I've had similar situations happen to me...with me it was because I was nervous
and started cold into my own songs.I found it helps to warm up doing a couple of covers
or have the drummer start and improvise over what he's doing to get the energy flowing.


----------



## Bobby (May 27, 2010)

geezer gives good advice. playing on some songs you both know might be a good way to warm things up.

and you cant forget that some people gel better with certain musicians then others.

also,you seem like your being awfully damn hard on yourself. everyone has off days.and it may also be nerves. you keep talking about making a good impression.....who gives a shit what the drummer thinks? do you like your songs? have you worked hard on your playing and writing? if the answer to those is yes,well then just keep at it. im not saying you should be cocky,but have faith that one way or another your talent will prevail in the end. if your unsure,that will come through in your music and i get the feeling thats whats happened here.

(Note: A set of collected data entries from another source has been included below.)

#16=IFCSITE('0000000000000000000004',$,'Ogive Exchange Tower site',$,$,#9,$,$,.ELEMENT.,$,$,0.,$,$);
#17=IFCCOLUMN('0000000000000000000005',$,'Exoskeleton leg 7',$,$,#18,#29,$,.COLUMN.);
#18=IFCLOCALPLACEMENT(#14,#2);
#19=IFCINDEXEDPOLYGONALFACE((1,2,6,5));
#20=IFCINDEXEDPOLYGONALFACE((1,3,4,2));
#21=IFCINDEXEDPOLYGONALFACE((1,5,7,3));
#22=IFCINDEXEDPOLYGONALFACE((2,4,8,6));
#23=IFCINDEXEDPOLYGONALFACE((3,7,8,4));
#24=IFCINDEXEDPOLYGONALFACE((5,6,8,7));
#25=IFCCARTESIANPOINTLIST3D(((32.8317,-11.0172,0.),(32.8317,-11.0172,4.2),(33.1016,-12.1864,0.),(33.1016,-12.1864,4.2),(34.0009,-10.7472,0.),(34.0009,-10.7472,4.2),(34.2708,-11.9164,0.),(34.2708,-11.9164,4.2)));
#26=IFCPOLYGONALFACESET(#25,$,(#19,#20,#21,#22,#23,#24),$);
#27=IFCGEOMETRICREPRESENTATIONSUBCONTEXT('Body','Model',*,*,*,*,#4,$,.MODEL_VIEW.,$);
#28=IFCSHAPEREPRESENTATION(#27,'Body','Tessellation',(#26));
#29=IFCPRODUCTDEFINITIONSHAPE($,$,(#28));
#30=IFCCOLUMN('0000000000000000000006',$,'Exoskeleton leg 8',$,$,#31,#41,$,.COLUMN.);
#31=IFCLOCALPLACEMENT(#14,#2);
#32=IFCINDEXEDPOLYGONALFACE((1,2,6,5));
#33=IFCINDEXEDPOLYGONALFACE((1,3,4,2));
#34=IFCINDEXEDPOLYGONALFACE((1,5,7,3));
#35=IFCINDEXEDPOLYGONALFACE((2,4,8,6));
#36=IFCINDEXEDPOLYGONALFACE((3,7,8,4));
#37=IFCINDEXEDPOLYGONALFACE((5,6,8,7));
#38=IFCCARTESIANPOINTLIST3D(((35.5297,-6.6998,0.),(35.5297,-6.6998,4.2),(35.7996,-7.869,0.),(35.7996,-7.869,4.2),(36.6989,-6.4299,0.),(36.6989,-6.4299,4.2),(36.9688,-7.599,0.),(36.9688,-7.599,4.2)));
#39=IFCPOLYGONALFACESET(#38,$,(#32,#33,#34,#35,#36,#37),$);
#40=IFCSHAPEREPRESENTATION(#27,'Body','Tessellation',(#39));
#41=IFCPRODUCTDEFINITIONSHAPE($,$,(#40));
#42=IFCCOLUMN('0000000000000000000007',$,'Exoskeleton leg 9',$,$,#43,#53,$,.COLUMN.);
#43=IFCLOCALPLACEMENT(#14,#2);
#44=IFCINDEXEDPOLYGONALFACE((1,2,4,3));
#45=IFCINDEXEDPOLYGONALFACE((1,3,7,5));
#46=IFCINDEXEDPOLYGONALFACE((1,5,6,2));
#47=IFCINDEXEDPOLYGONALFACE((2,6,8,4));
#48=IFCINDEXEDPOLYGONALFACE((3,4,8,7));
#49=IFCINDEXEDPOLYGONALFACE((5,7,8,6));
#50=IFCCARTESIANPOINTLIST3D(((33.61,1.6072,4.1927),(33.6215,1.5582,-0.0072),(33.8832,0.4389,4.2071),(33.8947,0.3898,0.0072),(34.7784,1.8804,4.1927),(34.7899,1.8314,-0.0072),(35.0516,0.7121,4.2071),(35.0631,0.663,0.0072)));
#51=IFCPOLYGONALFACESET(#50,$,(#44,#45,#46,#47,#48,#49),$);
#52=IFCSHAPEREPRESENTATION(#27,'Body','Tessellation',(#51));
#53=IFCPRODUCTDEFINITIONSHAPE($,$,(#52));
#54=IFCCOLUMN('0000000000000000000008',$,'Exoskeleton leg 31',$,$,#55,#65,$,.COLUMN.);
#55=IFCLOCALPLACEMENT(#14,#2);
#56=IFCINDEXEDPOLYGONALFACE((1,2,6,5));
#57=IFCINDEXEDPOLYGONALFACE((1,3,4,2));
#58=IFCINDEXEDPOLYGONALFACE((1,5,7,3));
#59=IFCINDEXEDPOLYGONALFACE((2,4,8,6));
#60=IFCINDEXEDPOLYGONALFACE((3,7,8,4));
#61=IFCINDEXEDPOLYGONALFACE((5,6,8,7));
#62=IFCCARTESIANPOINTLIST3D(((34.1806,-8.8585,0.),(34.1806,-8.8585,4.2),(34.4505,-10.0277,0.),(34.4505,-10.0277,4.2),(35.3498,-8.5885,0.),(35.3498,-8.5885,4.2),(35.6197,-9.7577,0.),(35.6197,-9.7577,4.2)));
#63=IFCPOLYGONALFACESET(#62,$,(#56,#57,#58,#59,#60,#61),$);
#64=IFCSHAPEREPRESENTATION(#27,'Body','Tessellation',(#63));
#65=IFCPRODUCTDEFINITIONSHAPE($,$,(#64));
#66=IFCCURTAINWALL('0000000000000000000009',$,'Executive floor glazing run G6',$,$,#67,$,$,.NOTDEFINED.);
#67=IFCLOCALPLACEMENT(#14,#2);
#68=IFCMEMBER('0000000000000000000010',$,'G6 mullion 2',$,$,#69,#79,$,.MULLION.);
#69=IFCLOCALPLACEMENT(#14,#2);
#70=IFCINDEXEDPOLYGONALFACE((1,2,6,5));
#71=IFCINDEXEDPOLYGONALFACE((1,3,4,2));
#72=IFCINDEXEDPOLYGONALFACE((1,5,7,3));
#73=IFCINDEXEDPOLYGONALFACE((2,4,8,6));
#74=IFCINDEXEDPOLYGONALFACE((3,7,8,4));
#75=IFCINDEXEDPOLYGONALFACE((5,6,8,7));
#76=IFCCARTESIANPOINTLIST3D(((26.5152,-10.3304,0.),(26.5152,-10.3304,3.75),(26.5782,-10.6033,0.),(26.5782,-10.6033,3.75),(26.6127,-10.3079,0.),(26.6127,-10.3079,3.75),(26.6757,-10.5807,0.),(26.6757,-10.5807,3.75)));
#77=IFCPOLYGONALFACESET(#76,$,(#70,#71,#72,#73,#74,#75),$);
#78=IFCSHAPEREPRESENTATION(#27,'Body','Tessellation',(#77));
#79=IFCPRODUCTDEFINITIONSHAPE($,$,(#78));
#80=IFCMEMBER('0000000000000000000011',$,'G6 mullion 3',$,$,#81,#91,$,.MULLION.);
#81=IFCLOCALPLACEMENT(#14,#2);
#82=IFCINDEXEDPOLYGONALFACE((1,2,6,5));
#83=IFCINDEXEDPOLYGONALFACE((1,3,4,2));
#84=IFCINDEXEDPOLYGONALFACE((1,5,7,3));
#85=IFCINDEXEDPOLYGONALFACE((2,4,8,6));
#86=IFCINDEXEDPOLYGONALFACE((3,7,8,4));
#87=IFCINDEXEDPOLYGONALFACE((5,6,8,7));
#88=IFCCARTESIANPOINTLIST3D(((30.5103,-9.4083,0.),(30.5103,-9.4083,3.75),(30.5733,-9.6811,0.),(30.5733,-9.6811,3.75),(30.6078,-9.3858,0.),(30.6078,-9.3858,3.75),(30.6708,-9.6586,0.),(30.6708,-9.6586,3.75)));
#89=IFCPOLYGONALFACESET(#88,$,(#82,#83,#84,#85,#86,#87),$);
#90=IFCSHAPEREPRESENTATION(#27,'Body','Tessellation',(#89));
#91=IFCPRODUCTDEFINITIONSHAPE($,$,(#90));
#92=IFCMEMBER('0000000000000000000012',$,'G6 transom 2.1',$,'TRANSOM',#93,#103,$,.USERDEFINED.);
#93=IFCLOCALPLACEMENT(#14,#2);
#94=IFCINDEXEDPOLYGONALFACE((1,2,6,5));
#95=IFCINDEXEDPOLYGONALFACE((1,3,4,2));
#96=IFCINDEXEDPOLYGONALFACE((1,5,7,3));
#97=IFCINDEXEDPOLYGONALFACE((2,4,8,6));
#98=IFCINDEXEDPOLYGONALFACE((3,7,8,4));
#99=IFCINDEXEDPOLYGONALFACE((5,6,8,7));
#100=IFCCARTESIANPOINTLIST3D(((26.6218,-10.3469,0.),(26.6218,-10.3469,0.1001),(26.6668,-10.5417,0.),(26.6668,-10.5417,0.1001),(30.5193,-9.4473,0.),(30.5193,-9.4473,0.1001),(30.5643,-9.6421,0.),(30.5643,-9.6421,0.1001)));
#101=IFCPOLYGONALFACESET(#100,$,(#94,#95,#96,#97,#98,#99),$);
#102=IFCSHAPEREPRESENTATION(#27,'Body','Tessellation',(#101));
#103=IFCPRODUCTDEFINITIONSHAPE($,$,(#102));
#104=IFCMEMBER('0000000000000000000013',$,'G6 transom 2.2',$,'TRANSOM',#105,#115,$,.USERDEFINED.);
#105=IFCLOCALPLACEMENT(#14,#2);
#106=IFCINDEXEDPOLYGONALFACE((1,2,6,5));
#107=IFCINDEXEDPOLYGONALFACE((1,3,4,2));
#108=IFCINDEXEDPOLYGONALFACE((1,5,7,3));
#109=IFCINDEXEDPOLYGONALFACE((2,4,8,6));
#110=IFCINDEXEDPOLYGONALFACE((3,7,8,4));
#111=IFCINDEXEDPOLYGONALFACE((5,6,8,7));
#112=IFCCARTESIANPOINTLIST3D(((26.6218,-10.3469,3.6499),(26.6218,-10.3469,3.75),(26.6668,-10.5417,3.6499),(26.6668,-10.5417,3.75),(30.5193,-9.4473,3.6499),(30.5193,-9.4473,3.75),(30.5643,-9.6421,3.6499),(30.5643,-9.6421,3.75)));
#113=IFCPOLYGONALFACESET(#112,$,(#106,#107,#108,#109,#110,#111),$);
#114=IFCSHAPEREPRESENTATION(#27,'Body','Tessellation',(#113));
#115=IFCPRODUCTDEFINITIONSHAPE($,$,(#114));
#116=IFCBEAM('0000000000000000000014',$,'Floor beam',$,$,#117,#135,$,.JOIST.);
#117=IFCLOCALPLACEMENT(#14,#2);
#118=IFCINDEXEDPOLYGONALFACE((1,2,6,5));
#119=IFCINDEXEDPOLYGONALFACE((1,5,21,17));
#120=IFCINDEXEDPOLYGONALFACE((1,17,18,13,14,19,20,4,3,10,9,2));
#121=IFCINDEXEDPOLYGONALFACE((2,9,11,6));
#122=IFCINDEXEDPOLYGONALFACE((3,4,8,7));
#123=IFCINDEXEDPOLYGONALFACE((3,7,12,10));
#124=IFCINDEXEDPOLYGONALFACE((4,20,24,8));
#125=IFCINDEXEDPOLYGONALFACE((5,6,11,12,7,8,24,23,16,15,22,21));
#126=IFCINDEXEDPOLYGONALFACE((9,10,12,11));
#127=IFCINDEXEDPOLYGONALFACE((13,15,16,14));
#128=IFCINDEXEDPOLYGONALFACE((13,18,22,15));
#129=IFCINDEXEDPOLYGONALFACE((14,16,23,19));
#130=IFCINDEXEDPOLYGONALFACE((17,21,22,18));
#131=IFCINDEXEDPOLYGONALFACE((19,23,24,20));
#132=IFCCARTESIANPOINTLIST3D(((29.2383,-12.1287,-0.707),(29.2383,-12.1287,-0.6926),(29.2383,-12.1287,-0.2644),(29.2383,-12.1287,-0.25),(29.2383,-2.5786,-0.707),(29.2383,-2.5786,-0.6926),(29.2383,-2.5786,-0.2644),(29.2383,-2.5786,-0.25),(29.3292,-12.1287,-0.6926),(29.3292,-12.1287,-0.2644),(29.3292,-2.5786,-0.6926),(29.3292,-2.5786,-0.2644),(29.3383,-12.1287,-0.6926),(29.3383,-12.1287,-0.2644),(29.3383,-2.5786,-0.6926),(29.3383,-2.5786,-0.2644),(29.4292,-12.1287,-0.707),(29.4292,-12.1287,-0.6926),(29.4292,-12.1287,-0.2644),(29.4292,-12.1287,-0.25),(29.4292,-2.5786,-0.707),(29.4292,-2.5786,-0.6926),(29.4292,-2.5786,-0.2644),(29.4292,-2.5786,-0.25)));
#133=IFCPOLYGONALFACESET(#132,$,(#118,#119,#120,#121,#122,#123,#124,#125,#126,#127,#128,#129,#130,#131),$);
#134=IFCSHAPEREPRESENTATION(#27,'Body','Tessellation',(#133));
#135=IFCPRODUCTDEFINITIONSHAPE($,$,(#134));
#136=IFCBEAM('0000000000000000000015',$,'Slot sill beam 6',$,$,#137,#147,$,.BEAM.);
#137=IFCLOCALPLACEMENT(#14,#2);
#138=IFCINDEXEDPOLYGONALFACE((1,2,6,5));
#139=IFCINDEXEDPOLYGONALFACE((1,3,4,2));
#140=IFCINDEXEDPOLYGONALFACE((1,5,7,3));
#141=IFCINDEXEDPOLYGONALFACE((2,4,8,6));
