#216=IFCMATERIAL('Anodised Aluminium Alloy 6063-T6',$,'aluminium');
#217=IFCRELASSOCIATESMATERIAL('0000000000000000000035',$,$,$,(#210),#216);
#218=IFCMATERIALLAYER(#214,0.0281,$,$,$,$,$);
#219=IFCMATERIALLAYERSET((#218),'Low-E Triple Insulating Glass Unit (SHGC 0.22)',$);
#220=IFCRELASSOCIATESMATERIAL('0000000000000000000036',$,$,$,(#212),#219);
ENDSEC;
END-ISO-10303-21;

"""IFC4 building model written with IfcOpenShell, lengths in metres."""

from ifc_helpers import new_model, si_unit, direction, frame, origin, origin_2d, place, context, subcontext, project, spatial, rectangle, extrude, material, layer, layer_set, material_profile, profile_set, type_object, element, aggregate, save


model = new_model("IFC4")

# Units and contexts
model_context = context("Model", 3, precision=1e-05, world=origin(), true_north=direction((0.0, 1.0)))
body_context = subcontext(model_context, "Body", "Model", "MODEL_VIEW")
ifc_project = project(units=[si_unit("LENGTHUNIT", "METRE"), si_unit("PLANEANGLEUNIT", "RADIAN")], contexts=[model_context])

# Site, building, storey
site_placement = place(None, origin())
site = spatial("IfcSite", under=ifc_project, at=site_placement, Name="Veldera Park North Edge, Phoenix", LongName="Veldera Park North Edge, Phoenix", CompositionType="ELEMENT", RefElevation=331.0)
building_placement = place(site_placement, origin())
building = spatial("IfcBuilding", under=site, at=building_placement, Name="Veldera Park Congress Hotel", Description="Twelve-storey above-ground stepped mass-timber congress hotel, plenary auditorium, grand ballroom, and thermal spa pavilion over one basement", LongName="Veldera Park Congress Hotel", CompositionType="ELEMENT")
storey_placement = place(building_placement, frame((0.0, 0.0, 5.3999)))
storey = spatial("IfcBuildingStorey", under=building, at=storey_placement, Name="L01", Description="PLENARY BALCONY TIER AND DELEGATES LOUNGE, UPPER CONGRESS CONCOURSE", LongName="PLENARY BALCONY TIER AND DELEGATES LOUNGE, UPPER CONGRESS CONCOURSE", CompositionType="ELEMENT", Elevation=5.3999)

if you feel a day away might help,go for it. just dont forget that everyone has bad days. if it was always easy it wouldnt be worth it.the bad days just make the good days that click just right that much sweeter.

Bobby


----------



## mrmatt1972 (Apr 3, 2008)

Bobby said:


> who gives a shit what the drummer thinks?


sigiifa

That quote could be a T-shirt


----------



## Bobby (May 27, 2010)

mrmatt1972 said:


> sigiifa
> 
> That quote could be a T-shirt


id try to make some money off it,but im sure many,many people have been quoted as saying it before me 

Bobby


----------



## Wiser (Jan 6, 2010)

Probably not realted, but it seems the more i practice the worse i get. Then when i drop it for a few days, or a week, i can suddenly play again. Anyone else the same? lol


----------



## Astroman86 (May 6, 2010)

yes im the same way sometimes. plenty of rest helps too.
im jamming with a drummer and were actually getting some songs together. but ive learned theres no point in us starting with that because we need to warm up first. just jamming i find is the best. then you can both get on the same page since youre both just making it up.

sometimes just acknowledging that youre having a rough day will help you accept it and then relax enough to play.


----------



## blacktooth (Jul 3, 2010)

I always play my best at night... I think a lot of people are like that... just sayin. Have a beer first to calm the nerves, and you'll be fine. everyone has off days


----------



## bcmatt (Aug 25, 2007)

Relax, it really doesn't matter. 
Any time you play in a new type of scenario you are going to be thrown off. It happens to everyone. You should just expect it. You just aren't really used to playing with a drummer that you really respect (who is?).

The first few times I played in a bar, I feel like I really sucked it; The first time I played in front of so-and-so, I sucked it. Every single time I make a youtube video I play like a 4-year-old. Of course, yo could just re-record but I'm too lazy and it's a great exercise in humility. It's also sort of a fun game to convince as many people as you can that you suck at guitar. It really lowers peoples' expectations and makes it easier to blow them away some day.
Besides, it really helps get people to leave you alone about giving them lessons.


----------



## cheezyridr (Jun 8, 2009)

if i'm nervous i play worse than normal, even at home in my living room. however, there are some days when i'm just *ON*, know what i mean? there are somedays where i can seem to find just the right tone, my timing is spot-on, and i don't miss any notes and it all happens somewhat effortlessly. on those days i try to experiment with stuff i'm not that familiar with, and it seems to help me progress. things i learn seem to "stick" a little better than usual. 

every now and then, i also have days where i'll play a few warm up songs, and i know that i'm in a terrible mode that day. that's when i put it down and do something else.


----------



## Addictedtokaos (Jul 14, 2010)

+1 to all the post above. 

Major +1 to start with some improv. Either have the drummer start a beat and you jump in or you start a riff and let him come in with a beat.

You see some big band do this in the jam rooms before sets. They just have fun to loosen up and all get on the same page.


----------